Back in the day, PC makers used to market their computers by promoting the megahertz rating of the chip inside. Remember that? “Powered by a 2.4-gigaherz Pentium 4,” as though that’s all you needed to know about the computer’s power. The clock speed of a chip was only one tiny factor of many that determined the PC’s speed—and not even the most important factor. The amount of memory, the hard drive speed and size, the bus speed—all of these things determined a PC’s power.

The joke was on Intel, though. Eventually, the company couldn’t make its clock speeds any faster — so it stopped featuring that statistic. It developed other ways to make its processors faster, ways that couldn’t be handily represented by a single number. So nowadays, nobody says, “I’m upgrading to a 3-gigahertz PC.”
Similarly, for years, we were taught to believe that what determined a camera’s quality was its megapixel count — which, I’m happy to report, has been duly debunked. Nowadays, the megapixel count isn’t featured nearly as much, and the smart camera makers (Canon is one) have actually reversed themselves. They’re making cameras with fewer, but better, pixels.

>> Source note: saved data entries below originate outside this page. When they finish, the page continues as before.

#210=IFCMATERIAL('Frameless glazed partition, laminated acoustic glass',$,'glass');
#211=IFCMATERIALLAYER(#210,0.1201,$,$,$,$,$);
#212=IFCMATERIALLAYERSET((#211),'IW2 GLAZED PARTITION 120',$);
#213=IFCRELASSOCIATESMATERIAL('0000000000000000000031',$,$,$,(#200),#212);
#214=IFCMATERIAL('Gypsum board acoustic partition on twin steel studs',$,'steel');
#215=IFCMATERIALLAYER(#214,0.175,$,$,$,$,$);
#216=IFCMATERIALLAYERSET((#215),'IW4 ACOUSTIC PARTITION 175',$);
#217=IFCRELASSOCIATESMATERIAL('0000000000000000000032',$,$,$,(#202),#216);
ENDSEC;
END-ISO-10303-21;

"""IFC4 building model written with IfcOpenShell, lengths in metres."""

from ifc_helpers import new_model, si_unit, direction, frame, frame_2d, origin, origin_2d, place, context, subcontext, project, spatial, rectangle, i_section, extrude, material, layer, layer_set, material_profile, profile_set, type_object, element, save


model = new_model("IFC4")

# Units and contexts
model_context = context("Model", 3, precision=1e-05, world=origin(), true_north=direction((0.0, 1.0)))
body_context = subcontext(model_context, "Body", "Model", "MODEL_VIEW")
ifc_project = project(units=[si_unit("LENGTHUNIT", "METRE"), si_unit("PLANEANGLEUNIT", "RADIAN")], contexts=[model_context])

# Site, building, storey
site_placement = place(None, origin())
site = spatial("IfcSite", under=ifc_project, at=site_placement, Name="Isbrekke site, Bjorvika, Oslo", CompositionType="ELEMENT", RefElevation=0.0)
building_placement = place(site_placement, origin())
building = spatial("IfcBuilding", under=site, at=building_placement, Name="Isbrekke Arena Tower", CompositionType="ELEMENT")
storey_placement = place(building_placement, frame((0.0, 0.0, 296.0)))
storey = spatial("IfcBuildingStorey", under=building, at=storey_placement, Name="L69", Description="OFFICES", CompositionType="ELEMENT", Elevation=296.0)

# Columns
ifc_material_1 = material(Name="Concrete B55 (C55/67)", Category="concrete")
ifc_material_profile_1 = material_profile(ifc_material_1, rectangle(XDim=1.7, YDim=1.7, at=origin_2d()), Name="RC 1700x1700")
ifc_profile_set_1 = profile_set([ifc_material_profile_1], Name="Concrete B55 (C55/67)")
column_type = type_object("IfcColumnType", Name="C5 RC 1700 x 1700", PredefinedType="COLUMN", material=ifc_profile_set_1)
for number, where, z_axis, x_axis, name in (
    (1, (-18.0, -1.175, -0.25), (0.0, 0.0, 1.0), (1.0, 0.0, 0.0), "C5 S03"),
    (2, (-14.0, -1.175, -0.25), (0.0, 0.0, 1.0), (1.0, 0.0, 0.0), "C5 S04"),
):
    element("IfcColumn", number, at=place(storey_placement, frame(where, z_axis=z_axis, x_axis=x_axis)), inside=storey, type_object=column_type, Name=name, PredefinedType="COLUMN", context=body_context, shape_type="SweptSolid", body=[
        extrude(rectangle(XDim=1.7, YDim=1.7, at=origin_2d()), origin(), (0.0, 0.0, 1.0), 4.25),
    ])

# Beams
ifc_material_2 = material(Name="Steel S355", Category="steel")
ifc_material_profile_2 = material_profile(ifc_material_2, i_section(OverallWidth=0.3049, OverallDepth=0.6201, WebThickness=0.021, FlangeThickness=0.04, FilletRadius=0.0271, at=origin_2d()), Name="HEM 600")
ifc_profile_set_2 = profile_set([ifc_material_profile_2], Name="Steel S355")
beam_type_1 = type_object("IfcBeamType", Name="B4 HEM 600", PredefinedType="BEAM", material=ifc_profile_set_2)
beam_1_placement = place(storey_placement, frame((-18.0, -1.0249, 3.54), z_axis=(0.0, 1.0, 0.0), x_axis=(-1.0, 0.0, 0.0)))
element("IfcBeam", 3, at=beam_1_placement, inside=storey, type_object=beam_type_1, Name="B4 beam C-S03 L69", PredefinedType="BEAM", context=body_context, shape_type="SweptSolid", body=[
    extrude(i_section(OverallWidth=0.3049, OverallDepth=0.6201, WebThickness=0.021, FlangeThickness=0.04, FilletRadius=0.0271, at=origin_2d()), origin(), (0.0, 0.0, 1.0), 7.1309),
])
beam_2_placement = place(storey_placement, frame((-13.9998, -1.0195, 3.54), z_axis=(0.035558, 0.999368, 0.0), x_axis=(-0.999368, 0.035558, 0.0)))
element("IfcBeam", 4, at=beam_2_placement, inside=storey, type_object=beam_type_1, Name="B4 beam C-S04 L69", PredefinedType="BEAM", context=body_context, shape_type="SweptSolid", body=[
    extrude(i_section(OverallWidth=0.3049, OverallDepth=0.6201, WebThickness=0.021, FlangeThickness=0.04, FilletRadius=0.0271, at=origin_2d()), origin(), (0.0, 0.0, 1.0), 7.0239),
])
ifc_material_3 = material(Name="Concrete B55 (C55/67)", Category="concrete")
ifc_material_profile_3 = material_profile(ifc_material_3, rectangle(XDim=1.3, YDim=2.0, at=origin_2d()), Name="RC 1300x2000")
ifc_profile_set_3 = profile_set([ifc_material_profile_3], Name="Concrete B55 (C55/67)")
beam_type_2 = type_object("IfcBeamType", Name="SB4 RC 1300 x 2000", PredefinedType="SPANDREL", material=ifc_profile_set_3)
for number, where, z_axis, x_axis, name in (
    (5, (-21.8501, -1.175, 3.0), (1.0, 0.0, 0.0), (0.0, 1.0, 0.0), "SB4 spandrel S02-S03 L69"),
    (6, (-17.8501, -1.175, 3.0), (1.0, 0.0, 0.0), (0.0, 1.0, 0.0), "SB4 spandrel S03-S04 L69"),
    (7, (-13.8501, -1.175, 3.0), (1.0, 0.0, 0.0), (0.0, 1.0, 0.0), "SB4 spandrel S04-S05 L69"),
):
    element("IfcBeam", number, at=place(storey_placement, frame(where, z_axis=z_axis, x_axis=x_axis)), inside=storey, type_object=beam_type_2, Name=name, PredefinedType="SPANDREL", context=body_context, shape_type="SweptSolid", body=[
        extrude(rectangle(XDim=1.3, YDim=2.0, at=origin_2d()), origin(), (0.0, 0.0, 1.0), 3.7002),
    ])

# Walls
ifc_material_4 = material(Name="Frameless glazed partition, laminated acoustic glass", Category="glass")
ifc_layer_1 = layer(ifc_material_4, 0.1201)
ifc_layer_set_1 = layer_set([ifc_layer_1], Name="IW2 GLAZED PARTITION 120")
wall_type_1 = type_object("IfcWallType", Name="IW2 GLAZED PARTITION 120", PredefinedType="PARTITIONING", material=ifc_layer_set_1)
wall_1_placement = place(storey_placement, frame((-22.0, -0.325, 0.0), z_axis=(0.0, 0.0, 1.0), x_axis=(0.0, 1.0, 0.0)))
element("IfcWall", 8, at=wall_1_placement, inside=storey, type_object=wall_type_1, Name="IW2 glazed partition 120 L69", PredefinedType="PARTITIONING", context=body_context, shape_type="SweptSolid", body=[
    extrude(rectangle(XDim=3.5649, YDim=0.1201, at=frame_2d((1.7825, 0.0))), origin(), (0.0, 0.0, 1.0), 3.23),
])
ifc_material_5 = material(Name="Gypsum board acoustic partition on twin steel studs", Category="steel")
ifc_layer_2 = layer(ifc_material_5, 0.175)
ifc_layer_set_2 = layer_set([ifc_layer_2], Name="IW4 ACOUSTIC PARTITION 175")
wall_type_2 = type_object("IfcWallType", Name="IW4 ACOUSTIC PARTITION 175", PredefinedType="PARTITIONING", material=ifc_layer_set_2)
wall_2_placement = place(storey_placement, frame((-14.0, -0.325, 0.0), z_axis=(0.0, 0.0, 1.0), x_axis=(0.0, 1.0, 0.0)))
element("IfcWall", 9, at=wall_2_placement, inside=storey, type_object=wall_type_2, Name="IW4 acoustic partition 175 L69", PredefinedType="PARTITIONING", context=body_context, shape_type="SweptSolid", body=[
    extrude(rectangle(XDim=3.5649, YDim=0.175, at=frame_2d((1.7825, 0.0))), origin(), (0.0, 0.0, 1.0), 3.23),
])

But Spec Obsession Disorder lives on. We still make a fuss about 720p versus 1080p hi-def video, for example. Don’t tell anyone, but I’m not entirely sure that most people could tell the difference at normal viewing distance.

O.K., maybe, if they had two side-by-side TV sets, both playing Blu-ray discs. But most people don’t have that. They see a brilliantly crisp picture, and they’re fine with it. (Besides, the source also matters. Standard-def TV doesn’t have enough resolution to fill even a 720p picture, let alone a 1080p one.)
And don’t get me started about contrast ratios. Do you really think the average person could see the difference between a contrast ratio of 500,000:1 and a million to 1?

Spec obsessions also crack me up because, frankly, you’re judging something based on the report of what’s inside. When you bought a PC, did you extract its processor to measure its 3 gigahertz yourself? Do you count the pixels on your hi-def TV or your camera?

No, of course not; you’re just taking the manufacturer’s word for it. And as we all know, that can get you into trouble.

I’ll keep reporting the most important specs in my reviews, because techies care about such things. But to me, the questions should not be, “How much memory is in this tablet? How many nits of brightness does that phone’s screen put out? What graphics processor is in that laptop? How much milliamp-hours does that phone’s battery pack?”

Instead, the questions should be, “How fast is it? How good does it look? Can you read it in sunlight? Does the battery last? How long does the battery last?”

And even those are secondary questions. The bigger ones are, “Is it a good value? Is the design excellent? Should you buy it?”

And on the Lumia 900, the answers to those questions are “yes,” “yes,” and “maybe.”